Изменить стиль страницы

Явились две полные дамы, одна стала аккомпанировать, другая – петь. Дам приняли тоже очень мило и похлопали им с снисходительностью.

Молодой скрипач сыграл что-то. Ему хлопали мало, у него были очень длинные волосы и он ими неприятно встряхивал.

Волнение Звягина усилилось. Он наклонился над программой, спеша удостовериться, что после скрипача должна выйти Валентина, а когда поднял глаза, Валентина стояла перед ним, в двух шагах, у самого края эстрады. Она вышла очень тихо и остановилась молча, глядя прямо перед собой серьезными, широко раскрытыми глазами. Лицо ее было бледнее обыкновенного и казалось измученным, но очень красивым. Цвет кожи был матовый, прозрачный, как алебастровая ваза, в которой горит огонь.

Звягин смотрел на Валентину – и не узнавал. Она ему казалась чужой. «Что она будет читать?» – снова промелькнуло у него в голове.

Валентину встретили аплодисментами. Многие ее знали.

– Ангел с черными крыльями! – прошептал толстый генерал другому, наклоняя вправо свое тучное тело.

Звягин увидал, что Валентина была одета в белое платье, чуть розоватое, как топленое молоко. Платье было очень просто, без пояса, цельное, гладко и крепко охватывающее ее фигуру безукоризненной стройности. Высокий воротник и длинные до пальцев рукава довершали этот монашеский или ангельский наряд. Но на плечах неожиданно подымались два черных банта; и от каждого на спину, до самого пола, падал длинный кусок легкой черной материи, волнующейся при каждом движении, отлетающей слегка при каждом дуновении. Эти два черных, нежных крыла придавали таинственный вид ее белому одеянию.

На Звягина платье Валентины произвело досадное впечатление. «Какая претензия! – подумал он. – И совсем некрасиво».

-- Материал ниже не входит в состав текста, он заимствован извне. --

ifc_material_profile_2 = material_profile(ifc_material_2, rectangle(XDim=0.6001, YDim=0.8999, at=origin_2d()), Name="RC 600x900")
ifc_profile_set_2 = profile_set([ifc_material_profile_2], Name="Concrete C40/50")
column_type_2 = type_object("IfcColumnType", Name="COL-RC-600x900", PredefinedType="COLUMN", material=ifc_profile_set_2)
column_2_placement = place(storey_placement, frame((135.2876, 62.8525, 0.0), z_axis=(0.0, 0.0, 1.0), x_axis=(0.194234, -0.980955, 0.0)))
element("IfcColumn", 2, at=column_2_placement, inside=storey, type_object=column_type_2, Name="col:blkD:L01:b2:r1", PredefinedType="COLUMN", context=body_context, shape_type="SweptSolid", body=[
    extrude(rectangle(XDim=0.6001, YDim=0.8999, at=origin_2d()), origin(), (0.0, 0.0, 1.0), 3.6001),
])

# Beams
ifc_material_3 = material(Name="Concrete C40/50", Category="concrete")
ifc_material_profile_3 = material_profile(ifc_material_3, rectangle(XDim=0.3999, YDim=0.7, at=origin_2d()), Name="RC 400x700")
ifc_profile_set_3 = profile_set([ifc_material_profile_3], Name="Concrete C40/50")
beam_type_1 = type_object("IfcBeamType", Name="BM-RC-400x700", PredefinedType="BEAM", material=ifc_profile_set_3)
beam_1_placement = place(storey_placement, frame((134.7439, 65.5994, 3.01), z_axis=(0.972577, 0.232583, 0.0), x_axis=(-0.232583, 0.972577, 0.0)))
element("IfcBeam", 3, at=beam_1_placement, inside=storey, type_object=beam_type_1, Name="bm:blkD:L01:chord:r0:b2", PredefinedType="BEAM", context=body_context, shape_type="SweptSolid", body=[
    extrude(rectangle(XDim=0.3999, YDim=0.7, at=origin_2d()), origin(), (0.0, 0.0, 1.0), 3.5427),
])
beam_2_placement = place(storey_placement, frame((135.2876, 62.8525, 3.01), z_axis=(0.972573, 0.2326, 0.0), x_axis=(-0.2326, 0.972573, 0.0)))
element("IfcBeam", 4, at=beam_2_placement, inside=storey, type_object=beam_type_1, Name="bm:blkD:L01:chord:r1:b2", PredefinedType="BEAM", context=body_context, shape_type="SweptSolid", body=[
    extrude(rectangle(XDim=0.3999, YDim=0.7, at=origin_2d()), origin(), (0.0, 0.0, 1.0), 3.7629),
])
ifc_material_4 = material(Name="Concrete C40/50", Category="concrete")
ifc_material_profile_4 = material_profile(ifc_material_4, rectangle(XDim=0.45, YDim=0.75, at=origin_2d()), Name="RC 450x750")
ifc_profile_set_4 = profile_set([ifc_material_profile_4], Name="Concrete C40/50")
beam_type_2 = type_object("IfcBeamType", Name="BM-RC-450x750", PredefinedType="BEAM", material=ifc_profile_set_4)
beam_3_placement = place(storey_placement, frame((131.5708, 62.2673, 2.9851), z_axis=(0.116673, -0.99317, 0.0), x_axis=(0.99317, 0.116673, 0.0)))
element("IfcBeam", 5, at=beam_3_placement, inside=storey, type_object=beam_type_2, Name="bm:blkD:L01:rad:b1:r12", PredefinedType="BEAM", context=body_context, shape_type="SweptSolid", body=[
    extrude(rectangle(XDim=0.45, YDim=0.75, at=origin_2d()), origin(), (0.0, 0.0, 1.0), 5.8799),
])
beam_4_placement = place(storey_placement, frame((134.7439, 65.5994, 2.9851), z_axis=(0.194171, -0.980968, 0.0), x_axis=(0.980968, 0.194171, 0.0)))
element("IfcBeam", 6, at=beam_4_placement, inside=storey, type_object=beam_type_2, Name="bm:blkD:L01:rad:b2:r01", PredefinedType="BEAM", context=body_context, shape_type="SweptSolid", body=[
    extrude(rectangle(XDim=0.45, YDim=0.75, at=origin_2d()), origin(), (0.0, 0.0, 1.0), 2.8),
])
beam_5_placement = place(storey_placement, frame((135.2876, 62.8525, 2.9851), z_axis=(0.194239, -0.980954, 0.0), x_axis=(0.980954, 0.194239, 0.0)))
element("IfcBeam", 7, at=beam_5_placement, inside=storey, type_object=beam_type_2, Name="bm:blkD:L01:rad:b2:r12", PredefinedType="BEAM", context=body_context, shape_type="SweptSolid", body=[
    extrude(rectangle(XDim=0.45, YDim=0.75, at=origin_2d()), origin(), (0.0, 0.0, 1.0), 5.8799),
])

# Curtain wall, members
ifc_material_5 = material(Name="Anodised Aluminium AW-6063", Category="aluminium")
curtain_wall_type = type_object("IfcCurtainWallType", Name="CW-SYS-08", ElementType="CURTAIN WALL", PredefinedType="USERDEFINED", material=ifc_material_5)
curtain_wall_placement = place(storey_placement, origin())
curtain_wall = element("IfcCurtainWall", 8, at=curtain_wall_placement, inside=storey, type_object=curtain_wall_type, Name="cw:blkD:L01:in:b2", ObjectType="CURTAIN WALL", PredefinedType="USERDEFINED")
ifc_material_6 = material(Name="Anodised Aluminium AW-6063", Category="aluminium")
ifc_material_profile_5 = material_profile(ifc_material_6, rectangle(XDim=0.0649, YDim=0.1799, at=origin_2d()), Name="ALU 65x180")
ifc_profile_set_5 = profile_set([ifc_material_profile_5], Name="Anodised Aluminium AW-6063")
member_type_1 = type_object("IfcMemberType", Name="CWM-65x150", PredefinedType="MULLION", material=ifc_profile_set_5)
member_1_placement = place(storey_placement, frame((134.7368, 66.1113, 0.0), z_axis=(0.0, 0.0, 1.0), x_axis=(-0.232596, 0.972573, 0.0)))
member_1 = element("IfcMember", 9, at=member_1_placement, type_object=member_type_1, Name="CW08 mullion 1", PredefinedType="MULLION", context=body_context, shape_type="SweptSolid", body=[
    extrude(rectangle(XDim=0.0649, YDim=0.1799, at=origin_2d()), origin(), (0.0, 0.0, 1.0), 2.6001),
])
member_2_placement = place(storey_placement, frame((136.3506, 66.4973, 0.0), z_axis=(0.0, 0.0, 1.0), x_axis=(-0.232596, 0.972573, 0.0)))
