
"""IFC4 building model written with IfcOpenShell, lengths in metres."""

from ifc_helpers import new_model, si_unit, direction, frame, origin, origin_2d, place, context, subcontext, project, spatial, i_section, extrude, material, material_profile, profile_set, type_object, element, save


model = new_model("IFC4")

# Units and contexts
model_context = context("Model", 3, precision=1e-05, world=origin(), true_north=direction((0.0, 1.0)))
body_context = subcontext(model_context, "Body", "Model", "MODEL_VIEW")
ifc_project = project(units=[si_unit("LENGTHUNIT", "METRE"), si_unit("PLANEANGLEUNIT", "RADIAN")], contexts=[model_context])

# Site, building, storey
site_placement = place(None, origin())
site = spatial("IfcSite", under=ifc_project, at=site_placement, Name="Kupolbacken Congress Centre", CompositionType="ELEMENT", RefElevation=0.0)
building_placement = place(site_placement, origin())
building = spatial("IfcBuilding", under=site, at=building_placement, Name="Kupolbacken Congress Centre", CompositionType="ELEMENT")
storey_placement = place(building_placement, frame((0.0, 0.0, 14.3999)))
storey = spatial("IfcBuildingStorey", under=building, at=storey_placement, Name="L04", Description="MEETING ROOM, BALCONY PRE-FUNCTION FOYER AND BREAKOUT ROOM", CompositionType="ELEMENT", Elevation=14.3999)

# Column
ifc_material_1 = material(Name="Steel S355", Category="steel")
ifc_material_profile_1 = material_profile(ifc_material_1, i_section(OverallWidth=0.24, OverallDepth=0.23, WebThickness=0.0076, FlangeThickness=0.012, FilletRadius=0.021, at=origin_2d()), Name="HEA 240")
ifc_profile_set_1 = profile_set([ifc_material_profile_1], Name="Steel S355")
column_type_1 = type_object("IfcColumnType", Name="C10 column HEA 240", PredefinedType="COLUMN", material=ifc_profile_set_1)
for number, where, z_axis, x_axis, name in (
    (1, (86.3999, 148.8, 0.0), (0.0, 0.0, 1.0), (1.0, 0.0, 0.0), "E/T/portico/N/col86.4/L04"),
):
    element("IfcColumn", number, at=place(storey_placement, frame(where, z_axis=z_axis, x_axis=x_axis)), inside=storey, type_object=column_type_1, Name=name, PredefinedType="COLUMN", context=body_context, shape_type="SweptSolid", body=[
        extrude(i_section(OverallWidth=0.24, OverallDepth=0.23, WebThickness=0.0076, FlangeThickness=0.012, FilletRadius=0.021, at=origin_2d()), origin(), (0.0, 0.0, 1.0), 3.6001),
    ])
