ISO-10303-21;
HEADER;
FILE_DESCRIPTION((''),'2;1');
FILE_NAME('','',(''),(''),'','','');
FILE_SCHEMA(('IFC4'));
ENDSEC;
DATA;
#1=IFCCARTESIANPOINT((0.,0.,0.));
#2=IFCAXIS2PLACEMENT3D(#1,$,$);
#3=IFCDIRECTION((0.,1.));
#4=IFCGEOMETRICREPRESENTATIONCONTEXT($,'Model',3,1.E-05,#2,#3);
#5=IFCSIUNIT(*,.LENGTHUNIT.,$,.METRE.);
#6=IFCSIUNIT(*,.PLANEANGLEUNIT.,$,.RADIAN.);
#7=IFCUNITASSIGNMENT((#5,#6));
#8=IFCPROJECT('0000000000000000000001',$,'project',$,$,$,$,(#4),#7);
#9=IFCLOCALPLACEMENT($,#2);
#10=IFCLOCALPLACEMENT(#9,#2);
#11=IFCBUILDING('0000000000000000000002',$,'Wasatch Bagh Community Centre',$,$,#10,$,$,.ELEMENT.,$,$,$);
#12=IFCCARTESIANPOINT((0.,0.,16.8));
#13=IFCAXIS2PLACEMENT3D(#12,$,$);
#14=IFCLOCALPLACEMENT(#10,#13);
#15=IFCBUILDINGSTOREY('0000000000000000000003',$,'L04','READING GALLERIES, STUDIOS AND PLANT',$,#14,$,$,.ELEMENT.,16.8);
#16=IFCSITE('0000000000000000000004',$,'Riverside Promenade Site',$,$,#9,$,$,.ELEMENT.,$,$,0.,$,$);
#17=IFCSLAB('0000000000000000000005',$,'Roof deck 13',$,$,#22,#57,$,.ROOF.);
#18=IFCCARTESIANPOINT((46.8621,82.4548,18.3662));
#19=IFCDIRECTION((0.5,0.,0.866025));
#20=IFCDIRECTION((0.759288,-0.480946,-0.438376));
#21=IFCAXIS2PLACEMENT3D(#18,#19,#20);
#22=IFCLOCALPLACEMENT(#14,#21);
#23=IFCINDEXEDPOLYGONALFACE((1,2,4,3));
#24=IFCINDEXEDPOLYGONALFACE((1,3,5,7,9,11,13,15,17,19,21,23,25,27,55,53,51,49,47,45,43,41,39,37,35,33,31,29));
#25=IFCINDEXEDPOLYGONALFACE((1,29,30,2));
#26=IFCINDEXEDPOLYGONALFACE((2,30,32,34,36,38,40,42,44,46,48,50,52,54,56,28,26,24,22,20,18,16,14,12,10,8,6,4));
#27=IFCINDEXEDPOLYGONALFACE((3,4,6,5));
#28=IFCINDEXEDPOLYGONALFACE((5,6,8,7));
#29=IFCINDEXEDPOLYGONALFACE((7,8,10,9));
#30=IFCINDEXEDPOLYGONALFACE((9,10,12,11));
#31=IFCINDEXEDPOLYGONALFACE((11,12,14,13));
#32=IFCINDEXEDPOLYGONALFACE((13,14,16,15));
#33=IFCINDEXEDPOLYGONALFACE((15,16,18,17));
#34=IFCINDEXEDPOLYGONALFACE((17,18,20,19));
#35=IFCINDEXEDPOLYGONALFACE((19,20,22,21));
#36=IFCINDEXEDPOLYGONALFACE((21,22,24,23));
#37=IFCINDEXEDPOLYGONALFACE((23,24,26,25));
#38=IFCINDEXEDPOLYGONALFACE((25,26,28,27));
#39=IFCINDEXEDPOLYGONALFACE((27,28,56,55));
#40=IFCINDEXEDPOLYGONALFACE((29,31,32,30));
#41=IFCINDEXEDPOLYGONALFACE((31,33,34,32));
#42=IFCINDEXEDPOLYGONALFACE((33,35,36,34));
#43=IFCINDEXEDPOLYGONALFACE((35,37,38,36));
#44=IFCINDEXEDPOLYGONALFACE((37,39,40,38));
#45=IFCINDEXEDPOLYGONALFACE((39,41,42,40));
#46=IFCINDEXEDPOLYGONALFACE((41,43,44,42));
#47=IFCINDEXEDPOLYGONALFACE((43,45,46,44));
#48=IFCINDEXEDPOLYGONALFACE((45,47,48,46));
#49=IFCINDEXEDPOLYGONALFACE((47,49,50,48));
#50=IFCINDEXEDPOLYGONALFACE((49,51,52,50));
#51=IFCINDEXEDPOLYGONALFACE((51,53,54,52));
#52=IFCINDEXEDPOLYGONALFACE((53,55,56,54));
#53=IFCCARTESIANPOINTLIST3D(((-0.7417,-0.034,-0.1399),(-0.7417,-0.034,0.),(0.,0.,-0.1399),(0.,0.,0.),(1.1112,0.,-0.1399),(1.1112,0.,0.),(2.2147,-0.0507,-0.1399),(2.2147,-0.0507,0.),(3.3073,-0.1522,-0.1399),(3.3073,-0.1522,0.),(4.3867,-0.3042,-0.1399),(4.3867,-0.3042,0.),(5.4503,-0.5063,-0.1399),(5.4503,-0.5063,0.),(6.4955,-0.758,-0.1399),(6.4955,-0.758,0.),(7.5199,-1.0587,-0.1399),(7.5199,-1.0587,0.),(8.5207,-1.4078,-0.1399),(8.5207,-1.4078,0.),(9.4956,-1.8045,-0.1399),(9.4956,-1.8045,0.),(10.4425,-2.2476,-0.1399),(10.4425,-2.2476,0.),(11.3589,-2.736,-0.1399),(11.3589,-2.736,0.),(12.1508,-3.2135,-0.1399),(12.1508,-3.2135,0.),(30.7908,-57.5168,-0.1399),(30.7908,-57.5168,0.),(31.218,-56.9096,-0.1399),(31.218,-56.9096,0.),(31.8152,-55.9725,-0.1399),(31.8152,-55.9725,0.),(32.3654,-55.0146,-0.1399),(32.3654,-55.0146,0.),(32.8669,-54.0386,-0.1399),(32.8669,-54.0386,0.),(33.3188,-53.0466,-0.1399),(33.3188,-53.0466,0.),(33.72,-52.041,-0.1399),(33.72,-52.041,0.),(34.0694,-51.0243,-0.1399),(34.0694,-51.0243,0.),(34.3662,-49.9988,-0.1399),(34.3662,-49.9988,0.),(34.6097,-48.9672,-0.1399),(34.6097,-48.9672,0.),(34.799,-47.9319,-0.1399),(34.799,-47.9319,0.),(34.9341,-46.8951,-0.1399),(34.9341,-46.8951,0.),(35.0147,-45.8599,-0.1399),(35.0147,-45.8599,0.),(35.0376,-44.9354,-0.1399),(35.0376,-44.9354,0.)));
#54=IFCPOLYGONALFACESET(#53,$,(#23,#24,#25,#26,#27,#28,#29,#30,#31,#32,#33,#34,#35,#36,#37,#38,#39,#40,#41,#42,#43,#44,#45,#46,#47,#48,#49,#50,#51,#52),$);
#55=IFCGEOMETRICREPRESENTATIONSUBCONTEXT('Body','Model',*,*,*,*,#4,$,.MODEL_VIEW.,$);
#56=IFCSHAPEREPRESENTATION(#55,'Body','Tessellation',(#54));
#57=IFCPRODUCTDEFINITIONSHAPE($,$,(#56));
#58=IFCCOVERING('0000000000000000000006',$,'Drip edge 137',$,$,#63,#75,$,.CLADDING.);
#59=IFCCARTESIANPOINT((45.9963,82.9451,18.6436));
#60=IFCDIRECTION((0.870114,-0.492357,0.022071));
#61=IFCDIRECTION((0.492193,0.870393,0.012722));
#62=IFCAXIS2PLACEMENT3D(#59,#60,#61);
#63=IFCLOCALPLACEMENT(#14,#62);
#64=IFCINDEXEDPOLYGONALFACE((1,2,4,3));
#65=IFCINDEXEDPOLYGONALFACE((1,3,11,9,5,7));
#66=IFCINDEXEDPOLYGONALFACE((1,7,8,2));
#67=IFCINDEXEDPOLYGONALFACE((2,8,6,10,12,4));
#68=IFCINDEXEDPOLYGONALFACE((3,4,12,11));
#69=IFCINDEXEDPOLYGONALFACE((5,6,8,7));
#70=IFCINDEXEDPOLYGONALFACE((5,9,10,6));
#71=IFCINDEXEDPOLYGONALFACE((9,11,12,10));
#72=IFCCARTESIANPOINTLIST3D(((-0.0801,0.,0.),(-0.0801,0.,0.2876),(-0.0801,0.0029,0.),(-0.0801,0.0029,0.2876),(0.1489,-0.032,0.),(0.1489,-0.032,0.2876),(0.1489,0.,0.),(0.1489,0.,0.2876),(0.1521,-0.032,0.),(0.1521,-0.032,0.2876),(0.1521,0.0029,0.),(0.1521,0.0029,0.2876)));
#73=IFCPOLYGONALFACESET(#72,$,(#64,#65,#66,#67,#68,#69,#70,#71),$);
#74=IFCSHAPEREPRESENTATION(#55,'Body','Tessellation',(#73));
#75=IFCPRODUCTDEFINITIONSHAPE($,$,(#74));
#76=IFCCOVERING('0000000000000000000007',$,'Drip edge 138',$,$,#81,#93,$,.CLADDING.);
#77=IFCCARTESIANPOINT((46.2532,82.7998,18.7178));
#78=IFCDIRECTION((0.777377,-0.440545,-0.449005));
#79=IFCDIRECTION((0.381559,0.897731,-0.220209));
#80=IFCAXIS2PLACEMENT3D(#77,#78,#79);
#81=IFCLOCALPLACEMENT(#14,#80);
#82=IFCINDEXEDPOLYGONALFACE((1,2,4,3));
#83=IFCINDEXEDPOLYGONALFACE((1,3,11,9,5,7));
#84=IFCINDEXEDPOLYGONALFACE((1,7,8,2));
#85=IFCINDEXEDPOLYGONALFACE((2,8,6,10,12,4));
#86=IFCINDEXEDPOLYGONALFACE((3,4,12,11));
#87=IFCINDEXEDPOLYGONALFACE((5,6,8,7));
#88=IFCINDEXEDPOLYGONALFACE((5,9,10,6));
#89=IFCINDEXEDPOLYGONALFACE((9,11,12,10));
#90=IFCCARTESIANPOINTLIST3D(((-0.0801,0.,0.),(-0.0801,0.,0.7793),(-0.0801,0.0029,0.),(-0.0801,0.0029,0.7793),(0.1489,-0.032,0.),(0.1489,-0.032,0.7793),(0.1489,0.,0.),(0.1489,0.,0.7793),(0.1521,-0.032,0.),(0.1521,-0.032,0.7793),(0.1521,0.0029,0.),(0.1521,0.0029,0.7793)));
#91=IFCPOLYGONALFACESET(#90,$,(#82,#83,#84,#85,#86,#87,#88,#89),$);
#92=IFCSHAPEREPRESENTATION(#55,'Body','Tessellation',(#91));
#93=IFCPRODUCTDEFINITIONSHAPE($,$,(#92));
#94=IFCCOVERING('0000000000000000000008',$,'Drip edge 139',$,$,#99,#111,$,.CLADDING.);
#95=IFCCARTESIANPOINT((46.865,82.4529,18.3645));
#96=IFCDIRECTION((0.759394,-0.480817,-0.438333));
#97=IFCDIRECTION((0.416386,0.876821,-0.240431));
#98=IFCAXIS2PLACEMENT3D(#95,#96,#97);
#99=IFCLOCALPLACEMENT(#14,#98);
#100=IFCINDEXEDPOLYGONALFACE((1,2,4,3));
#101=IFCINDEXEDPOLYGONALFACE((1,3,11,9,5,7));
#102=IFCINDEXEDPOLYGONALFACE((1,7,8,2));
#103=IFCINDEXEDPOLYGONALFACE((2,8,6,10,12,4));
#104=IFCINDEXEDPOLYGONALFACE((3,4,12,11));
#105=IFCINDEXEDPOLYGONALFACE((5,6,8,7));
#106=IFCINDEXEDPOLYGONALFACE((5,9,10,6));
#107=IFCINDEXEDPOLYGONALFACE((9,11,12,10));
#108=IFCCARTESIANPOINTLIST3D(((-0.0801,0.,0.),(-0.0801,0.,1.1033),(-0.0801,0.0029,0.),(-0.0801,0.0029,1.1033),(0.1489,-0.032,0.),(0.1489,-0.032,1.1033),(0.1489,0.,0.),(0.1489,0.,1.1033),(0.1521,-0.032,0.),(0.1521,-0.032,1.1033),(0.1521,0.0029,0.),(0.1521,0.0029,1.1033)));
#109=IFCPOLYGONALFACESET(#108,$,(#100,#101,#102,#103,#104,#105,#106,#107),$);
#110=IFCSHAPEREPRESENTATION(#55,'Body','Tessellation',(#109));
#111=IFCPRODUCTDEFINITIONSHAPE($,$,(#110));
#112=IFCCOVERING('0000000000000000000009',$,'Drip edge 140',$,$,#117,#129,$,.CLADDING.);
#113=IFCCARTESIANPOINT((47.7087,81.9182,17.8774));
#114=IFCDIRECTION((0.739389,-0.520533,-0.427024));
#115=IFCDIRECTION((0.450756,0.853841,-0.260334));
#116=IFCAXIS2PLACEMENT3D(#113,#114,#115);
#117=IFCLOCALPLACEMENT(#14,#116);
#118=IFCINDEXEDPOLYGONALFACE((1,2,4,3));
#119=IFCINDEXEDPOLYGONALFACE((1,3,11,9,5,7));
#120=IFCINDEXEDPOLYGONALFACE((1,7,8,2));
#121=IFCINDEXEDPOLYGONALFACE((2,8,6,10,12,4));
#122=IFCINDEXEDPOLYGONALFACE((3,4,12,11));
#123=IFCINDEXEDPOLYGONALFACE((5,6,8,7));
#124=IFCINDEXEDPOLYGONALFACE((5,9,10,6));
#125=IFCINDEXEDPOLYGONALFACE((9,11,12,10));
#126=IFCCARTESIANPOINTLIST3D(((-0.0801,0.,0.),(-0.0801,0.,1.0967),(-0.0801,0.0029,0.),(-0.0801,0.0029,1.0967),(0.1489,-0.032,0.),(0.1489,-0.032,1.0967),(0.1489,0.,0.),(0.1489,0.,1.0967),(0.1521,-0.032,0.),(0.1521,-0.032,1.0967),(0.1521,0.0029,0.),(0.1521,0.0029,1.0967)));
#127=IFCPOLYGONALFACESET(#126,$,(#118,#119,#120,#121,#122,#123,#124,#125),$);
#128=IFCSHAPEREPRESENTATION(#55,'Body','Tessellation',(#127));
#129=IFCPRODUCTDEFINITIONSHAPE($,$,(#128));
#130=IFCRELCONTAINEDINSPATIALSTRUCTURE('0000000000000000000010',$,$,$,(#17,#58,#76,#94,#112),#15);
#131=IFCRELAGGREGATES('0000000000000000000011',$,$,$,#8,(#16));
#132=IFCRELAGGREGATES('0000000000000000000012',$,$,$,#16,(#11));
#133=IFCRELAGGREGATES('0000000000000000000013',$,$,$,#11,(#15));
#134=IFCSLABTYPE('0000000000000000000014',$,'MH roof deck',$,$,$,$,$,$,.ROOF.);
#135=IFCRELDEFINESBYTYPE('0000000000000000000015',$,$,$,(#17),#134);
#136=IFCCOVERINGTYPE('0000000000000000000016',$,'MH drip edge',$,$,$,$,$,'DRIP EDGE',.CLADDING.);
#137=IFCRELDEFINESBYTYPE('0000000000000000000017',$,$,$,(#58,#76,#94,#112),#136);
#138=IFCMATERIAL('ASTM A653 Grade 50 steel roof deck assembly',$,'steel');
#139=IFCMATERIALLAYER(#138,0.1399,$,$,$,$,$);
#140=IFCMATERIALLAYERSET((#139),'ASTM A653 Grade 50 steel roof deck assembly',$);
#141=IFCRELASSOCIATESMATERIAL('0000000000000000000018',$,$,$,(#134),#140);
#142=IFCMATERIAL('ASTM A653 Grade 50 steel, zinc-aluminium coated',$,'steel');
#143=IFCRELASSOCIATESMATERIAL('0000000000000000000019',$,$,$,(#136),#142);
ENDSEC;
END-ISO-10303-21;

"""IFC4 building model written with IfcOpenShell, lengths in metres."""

from ifc_helpers import new_model, si_unit, direction, frame, origin, place, context, subcontext, project, spatial, polyline, outline, extrude, material, layer, layer_set, material_profile, profile_set, type_object, element, save


model = new_model("IFC4")

# Units and contexts
model_context = context("Model", 3, precision=1e-05, world=origin(), true_north=direction((0.0, 1.0)))
body_context = subcontext(model_context, "Body", "Model", "MODEL_VIEW")
ifc_project = project(units=[si_unit("LENGTHUNIT", "METRE"), si_unit("PLANEANGLEUNIT", "RADIAN")], contexts=[model_context])

# Site, building, storey
site_placement = place(None, origin())
site = spatial("IfcSite", under=ifc_project, at=site_placement, Name="Riverside Promenade Site", CompositionType="ELEMENT", RefElevation=0.0)
building_placement = place(site_placement, origin())
building = spatial("IfcBuilding", under=site, at=building_placement, Name="Wasatch Bagh Community Centre", CompositionType="ELEMENT")
storey_placement = place(building_placement, frame((0.0, 0.0, 16.8)))
storey = spatial("IfcBuildingStorey", under=building, at=storey_placement, Name="L04", Description="READING GALLERIES, STUDIOS AND PLANT", CompositionType="ELEMENT", Elevation=16.8)

# Slab
ifc_material_1 = material(Name="ASTM A653 Grade 50 steel roof deck assembly", Category="steel")
ifc_layer_1 = layer(ifc_material_1, 0.1399)
ifc_layer_set_1 = layer_set([ifc_layer_1], Name="ASTM A653 Grade 50 steel roof deck assembly")
slab_type = type_object("IfcSlabType", Name="MH roof deck", PredefinedType="ROOF", material=ifc_layer_set_1)
slab_placement = place(storey_placement, frame((46.8621, 82.4548, 18.3662), z_axis=(0.5, 0.0, 0.866025), x_axis=(0.759288, -0.480946, -0.438376)))
element("IfcSlab", 1, at=slab_placement, inside=storey, type_object=slab_type, Name="Roof deck 13", PredefinedType="ROOF", context=body_context, shape_type="SweptSolid", body=[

Он говорил себе неправду. Ему, напротив, все казалось красивым. Но дамам-патронессам наряд искренно не понравился. С одной стороны – слишком прост, а с другой – как будто эксцентричен. Он беспокоил.

Валентина, читая то, что ей нравилось, менялась. Лицо делалось иное, голос казался шире и глубже.

При первых звуках этого чужого, почти незнакомого голоса Звягин вспомнил стихотворение, которое она читала. Это было коротенькое любовное стихотворение, не из лучших, как думал Звягин.

Она начала просто, с робким, почти наивным и томительным недоумением, жалобой:

Мы пьем в любви отраву сладкую:
  Но все отраву пьем мы в ней…
И платим мы за радость краткую
  Ей безвесельем долгих дней.

«Откуда у нее такие звуки? – подумал Звягин, следя за сдержанной страстностью, которая вдруг явилась в голосе Валентины. – Она, никогда не любившая, с душой белой и ровной, как неисписанный лист… Или в ней есть силы любви?»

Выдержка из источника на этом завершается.